Given that the crocodilians’ audiogram is centred on the lower part of the frequency spectrum (1–2 kHz [8,9,27]) and that the external localization cues increase with frequency, the biological relevance of the HRTFs has to be discussed. The frequency span used in our study was chosen to widely cover the auditory curve of crocodilians, and to illustrate the low-frequency shift phenomena induced by size. If we consider the maximum auditory sensitivity of crocodilians (i.e. 1.5 kHz), the dynamics measured on external cues is more than 5 dB (figure 2), which is potentially sufficient for sound localization. In blackbirds, pigeons and sea lions the minimum detectable binaural level difference is around 3 dB [28,29], whereas it is 1 dB in humans [30].

Our study focused on two awake juvenile animals belonging to two different species. However, the results could be extended to larger animals. Although we found a comparable amount of potential localization cues in both experimental animals, slight differences in HRTFs between species were visible in the upper part of the frequency spectrum. Studies in humans have shown that individual morphology (i.e. rather small morphological differences) may significantly influence HRTFs [31]. As both our animals had comparable body sizes, these differences may have been induced by their respective head morphology (e.g. the Nile crocodile has a much more slender snout than the caiman). In larger animals, these slight differences should be enhanced and shifted towards lower frequencies. As a consequence, they may significantly influence HRTFs within their hearing range.

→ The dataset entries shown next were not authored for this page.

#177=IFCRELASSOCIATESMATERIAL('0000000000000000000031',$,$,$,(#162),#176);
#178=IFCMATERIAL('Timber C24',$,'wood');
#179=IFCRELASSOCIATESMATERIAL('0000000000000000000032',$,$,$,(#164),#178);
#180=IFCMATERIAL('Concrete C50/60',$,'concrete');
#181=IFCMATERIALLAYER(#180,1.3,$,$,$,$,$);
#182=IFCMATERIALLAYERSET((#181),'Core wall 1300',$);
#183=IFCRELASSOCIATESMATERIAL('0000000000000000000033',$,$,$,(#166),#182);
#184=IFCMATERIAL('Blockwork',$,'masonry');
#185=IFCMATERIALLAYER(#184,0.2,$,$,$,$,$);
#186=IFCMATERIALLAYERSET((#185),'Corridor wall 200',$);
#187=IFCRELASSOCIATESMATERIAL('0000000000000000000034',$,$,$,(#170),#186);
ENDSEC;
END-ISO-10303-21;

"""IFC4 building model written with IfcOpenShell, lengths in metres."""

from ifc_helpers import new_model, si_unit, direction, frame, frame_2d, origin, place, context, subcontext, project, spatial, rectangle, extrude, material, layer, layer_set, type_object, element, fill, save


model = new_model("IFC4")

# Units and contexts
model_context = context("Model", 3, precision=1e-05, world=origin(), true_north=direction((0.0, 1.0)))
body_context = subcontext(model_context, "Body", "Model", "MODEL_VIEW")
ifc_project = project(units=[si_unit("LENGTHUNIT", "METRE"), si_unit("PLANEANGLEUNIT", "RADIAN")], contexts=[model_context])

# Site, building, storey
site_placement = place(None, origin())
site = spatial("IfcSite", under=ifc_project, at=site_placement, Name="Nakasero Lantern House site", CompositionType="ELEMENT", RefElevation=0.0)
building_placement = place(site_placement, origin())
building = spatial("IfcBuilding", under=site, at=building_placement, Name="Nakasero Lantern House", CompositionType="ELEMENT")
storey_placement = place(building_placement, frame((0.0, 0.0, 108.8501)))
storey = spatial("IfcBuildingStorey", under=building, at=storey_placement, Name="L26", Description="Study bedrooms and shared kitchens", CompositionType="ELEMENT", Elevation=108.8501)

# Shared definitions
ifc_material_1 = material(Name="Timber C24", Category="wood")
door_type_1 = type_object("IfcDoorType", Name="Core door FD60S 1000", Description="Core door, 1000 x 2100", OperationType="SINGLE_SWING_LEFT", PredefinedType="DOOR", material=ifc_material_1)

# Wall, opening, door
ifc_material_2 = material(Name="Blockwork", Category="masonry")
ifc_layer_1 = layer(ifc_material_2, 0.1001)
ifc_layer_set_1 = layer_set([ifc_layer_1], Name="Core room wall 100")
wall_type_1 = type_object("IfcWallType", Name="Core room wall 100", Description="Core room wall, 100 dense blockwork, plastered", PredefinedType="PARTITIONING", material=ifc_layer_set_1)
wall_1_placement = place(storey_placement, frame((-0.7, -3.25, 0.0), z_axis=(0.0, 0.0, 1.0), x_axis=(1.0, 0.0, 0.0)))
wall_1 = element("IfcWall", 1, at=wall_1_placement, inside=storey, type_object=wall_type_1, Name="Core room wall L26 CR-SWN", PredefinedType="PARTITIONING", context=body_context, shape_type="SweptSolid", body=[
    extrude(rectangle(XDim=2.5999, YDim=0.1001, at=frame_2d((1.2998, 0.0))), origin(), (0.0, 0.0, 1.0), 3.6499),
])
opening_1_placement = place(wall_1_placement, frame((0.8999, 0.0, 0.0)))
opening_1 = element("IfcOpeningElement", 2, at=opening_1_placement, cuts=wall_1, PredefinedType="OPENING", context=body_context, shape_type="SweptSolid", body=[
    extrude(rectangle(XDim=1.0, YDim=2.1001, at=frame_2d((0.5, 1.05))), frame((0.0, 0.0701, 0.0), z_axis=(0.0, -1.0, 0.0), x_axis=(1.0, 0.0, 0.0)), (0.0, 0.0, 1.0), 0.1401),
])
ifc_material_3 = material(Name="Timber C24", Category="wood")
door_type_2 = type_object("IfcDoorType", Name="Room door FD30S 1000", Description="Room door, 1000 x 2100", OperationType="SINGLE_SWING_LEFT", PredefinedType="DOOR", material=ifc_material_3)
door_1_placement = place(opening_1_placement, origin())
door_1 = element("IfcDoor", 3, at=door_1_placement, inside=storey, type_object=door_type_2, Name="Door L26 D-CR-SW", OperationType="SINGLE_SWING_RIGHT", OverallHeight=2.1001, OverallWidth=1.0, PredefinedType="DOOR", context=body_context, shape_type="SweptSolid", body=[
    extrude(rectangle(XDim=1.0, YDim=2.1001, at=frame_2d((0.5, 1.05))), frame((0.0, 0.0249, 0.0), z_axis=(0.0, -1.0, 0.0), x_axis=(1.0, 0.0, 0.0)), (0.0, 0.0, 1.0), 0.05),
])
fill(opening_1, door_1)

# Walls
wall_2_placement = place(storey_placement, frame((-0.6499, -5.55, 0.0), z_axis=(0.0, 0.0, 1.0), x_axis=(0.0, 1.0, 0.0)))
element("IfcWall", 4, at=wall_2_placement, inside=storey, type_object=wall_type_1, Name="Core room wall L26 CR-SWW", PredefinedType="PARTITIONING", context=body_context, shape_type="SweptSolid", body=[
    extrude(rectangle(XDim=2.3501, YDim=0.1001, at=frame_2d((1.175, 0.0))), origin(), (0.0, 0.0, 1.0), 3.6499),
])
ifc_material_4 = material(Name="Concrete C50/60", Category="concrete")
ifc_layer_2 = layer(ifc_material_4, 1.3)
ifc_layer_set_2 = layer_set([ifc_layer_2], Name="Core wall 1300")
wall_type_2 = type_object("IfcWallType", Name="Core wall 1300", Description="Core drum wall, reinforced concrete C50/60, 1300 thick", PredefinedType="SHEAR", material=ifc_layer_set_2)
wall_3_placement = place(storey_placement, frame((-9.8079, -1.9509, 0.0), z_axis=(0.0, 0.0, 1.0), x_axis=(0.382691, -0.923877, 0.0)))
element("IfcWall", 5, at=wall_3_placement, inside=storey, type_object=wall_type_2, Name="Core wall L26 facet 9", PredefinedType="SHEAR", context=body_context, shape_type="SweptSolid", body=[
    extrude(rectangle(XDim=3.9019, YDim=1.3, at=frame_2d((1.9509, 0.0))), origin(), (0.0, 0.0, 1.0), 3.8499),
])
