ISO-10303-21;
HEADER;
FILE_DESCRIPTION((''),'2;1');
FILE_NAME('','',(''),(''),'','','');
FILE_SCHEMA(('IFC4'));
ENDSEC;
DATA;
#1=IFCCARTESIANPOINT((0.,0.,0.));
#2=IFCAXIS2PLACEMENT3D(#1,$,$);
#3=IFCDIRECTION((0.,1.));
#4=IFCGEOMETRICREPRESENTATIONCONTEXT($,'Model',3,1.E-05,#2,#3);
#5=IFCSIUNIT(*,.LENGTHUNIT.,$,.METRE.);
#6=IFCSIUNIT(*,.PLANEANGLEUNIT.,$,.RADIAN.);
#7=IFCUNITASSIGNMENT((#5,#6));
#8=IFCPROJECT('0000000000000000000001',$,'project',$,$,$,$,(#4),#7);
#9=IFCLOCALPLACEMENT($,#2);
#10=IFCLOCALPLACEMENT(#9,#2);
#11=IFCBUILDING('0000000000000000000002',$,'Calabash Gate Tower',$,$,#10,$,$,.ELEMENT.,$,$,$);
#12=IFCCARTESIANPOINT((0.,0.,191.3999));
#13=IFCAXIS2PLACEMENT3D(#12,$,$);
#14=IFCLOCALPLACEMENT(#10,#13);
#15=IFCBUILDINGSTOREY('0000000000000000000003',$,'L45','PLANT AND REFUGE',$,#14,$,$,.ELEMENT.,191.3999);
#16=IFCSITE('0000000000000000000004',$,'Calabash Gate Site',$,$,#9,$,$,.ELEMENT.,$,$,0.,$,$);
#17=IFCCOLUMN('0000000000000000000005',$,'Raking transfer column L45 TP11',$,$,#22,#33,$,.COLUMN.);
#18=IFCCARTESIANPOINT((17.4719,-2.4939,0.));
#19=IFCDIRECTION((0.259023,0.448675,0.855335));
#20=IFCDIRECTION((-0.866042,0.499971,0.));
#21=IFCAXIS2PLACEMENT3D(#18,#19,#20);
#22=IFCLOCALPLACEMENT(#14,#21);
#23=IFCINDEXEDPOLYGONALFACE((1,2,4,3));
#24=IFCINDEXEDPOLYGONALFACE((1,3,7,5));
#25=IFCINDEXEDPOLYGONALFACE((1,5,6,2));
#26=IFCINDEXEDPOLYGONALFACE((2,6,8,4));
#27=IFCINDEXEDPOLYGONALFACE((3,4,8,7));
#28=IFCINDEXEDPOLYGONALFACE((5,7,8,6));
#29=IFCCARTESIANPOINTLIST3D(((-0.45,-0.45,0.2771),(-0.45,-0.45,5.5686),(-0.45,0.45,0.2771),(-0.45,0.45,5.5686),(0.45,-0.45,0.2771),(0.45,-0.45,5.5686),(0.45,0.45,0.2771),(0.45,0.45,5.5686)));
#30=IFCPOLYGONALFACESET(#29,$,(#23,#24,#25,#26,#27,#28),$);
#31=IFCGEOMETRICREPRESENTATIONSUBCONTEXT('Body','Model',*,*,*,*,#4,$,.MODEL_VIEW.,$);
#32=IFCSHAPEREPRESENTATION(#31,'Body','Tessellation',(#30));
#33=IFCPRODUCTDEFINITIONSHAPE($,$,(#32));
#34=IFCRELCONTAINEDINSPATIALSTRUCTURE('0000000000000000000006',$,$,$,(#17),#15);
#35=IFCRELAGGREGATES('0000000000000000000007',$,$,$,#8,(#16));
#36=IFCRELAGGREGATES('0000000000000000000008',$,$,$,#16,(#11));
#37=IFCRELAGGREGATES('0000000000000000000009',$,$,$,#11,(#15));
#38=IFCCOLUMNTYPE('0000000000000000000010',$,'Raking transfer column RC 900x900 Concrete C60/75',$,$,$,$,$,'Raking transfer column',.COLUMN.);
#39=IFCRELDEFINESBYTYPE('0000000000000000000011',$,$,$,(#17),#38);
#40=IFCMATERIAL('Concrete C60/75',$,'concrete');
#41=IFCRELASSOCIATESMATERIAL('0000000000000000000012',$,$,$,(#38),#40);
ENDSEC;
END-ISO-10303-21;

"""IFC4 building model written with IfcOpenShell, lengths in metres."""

from ifc_helpers import new_model, si_unit, direction, frame, origin, origin_2d, place, context, subcontext, project, spatial, rectangle, extrude, clip, halfspace, material, material_profile, profile_set, type_object, element, save


model = new_model("IFC4")

# Units and contexts
model_context = context("Model", 3, precision=1e-05, world=origin(), true_north=direction((0.0, 1.0)))
body_context = subcontext(model_context, "Body", "Model", "MODEL_VIEW")
ifc_project = project(units=[si_unit("LENGTHUNIT", "METRE"), si_unit("PLANEANGLEUNIT", "RADIAN")], contexts=[model_context])

# Site, building, storey
site_placement = place(None, origin())
site = spatial("IfcSite", under=ifc_project, at=site_placement, Name="Calabash Gate Site", CompositionType="ELEMENT", RefElevation=0.0)
building_placement = place(site_placement, origin())
building = spatial("IfcBuilding", under=site, at=building_placement, Name="Calabash Gate Tower", CompositionType="ELEMENT")
storey_placement = place(building_placement, frame((0.0, 0.0, 191.3999)))
storey = spatial("IfcBuildingStorey", under=building, at=storey_placement, Name="L45", Description="PLANT AND REFUGE", CompositionType="ELEMENT", Elevation=191.3999)

# Column
ifc_material_1 = material(Name="Concrete C60/75", Category="concrete")
ifc_material_profile_1 = material_profile(ifc_material_1, rectangle(XDim=0.8999, YDim=0.8999, at=origin_2d()))
ifc_profile_set_1 = profile_set([ifc_material_profile_1], Name="Concrete C60/75")
column_type = type_object("IfcColumnType", Name="Raking transfer column RC 900x900 Concrete C60/75", ElementType="Raking transfer column", PredefinedType="COLUMN", material=ifc_profile_set_1)
column_placement = place(storey_placement, frame((17.4719, -2.4939, 0.0), z_axis=(0.259023, 0.448675, 0.855335), x_axis=(-0.866042, 0.499971, 0.0)))
element("IfcColumn", 1, at=column_placement, inside=storey, type_object=column_type, Name="Raking transfer column L45 TP11", PredefinedType="COLUMN", context=body_context, shape_type="Clipping", body=[
    clip(clip(extrude(rectangle(XDim=0.8999, YDim=0.8999, at=origin_2d()), origin(), (0.0, 0.0, 1.0), 5.8457), halfspace(frame((0.0, 0.0, 0.2771), z_axis=(0.0, 0.0, 1.0), x_axis=(1.0, 0.0, 0.0)), True)), halfspace(frame((0.0, 0.0, 5.5686), z_axis=(0.0, 0.0, 1.0), x_axis=(1.0, 0.0, 0.0)), False)),
])

save(model, "model.ifc")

Besides HRTFs, the internal acoustic coupling may increase sound localization because two waves arrive at the same eardrum: one from the outside and one from the inside through the interaural canal. The influences of this coupling were shown using a method of geometrical acoustics on skulls (figure 3). The interaural canal also influences the ITD by decreasing its value from 50 μs. While this result looks to be opposite to previously published data [32,33], it is explained by the fact that we consider the interaural canal on skulls but without any soft tissue (such as eardrums). The canal acts as a wave-guide without any obstacle to the propagation of the acoustic wave. Bierman et al. [21] demonstrated the implication of the directionality of the eardrums in the physiological computation of ITDs thanks to a laser vibrometry method.

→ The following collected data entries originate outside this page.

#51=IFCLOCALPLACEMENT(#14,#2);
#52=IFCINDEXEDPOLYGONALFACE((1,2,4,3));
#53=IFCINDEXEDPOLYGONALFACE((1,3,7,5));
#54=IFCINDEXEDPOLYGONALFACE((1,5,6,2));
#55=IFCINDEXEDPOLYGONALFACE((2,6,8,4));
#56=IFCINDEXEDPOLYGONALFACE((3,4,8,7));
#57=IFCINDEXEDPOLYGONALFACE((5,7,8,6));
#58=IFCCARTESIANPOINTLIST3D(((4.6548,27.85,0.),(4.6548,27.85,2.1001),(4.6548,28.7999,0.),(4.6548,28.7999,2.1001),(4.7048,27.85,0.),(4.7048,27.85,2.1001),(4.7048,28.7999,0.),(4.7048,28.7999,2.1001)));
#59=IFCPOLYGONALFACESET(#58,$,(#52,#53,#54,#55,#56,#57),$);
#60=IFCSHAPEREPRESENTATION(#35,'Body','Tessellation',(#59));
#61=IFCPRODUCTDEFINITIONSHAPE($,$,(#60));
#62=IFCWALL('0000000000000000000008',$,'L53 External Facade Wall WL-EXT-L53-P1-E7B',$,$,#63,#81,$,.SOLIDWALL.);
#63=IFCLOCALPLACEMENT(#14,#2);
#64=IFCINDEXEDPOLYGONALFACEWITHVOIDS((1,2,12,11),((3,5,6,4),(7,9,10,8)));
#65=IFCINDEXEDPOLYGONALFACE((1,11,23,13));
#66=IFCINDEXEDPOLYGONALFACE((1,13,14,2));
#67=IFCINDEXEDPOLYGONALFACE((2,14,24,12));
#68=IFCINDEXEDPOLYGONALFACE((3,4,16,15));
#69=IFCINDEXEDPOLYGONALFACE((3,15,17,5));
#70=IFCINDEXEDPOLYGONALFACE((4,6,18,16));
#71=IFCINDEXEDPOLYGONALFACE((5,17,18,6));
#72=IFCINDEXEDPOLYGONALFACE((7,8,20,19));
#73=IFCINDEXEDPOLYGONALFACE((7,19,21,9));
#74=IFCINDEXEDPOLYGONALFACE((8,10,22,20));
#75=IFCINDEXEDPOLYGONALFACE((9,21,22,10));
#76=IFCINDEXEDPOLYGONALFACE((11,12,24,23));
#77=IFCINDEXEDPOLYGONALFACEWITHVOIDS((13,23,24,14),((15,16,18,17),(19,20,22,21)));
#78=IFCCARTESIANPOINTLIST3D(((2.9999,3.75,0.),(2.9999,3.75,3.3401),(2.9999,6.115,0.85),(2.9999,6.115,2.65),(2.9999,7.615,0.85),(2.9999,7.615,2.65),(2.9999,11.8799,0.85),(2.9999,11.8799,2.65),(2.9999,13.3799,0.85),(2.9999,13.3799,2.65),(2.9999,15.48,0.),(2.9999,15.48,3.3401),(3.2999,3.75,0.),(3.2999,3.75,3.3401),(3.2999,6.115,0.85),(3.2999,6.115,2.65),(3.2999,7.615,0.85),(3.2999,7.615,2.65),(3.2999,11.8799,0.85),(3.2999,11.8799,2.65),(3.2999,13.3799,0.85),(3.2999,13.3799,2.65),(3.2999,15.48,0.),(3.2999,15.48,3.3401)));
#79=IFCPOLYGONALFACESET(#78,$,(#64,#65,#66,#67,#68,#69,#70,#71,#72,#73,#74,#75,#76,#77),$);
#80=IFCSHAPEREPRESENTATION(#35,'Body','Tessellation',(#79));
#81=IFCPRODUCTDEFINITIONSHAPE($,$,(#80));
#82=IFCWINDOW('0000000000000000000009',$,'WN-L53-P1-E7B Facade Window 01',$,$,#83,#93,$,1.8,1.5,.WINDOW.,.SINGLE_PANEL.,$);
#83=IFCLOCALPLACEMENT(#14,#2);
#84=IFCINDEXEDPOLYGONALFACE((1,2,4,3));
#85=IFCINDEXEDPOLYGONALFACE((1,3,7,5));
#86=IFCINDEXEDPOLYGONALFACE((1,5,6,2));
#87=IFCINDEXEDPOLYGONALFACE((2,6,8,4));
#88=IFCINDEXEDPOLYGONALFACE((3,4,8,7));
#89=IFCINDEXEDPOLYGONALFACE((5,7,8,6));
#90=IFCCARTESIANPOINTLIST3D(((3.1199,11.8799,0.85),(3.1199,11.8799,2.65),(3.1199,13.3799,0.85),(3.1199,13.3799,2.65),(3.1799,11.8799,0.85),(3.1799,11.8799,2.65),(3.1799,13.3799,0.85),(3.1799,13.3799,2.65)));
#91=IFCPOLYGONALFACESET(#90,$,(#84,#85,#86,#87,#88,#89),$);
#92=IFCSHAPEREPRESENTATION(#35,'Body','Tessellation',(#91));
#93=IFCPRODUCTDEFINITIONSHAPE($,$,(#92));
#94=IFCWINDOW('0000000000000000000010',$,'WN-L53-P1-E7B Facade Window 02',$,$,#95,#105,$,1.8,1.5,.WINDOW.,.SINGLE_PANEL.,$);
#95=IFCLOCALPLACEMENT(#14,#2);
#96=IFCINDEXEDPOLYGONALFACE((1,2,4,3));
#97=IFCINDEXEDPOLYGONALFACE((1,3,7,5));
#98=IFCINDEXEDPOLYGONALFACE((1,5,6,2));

ITDs are large in the low-frequency region (from 100 to 1000 Hz), whereas ILDs predominate in the high-frequency region (f > 1500 Hz). In his duplex theory developed for humans [34], Lord Rayleigh asserted that ITDs and ILDs ensure strong localization abilities across the full auditory spectrum because of an overlap of both binaural cues between 1 and 1.5 kHz [35]. This theory cannot be applied to all vertebrates: as an example, the barn owl combines ITD and ILD information in the same frequency range (between 3 and 10 kHz) to localize, respectively, the azimuth and the elevation [36,37]. In another way, crocodilians might also qualify this theory. Carr et al. [26] demonstrated that ITDs are not neurally processed for frequencies higher than 1 kHz because of a lack of phase locking. As a consequence, ITDs and ILDs are weak in the band between 1 and 1.5 kHz, creating a lack of localization cues in this frequency region, at least for juvenile and medium-sized crocodilians. The maximum vibration of the eardrum was measured in this precise bandwidth [21], which could be used to compensate this ‘gap’ of localization.

As a conclusion, our results establish a strong background regarding the acoustic cues available to crocodilians when they localize a sound source in their environment—a frequent situation in several behavioural contexts, from predation to caring for the young. Our study focused on aerial hearing. However, crocodilians are amphibious animals and previous studies suggested a fairly good underwater hearing sensitivity. It would thus be interesting to investigate sound localization cues in an underwater context. Finally, sound localization abilities also remain poorly investigated and, even if a few behavioural observations in crocodilians have been published [13,38], the behavioural relevance of sound localization cues needs to be tested in subsequent research.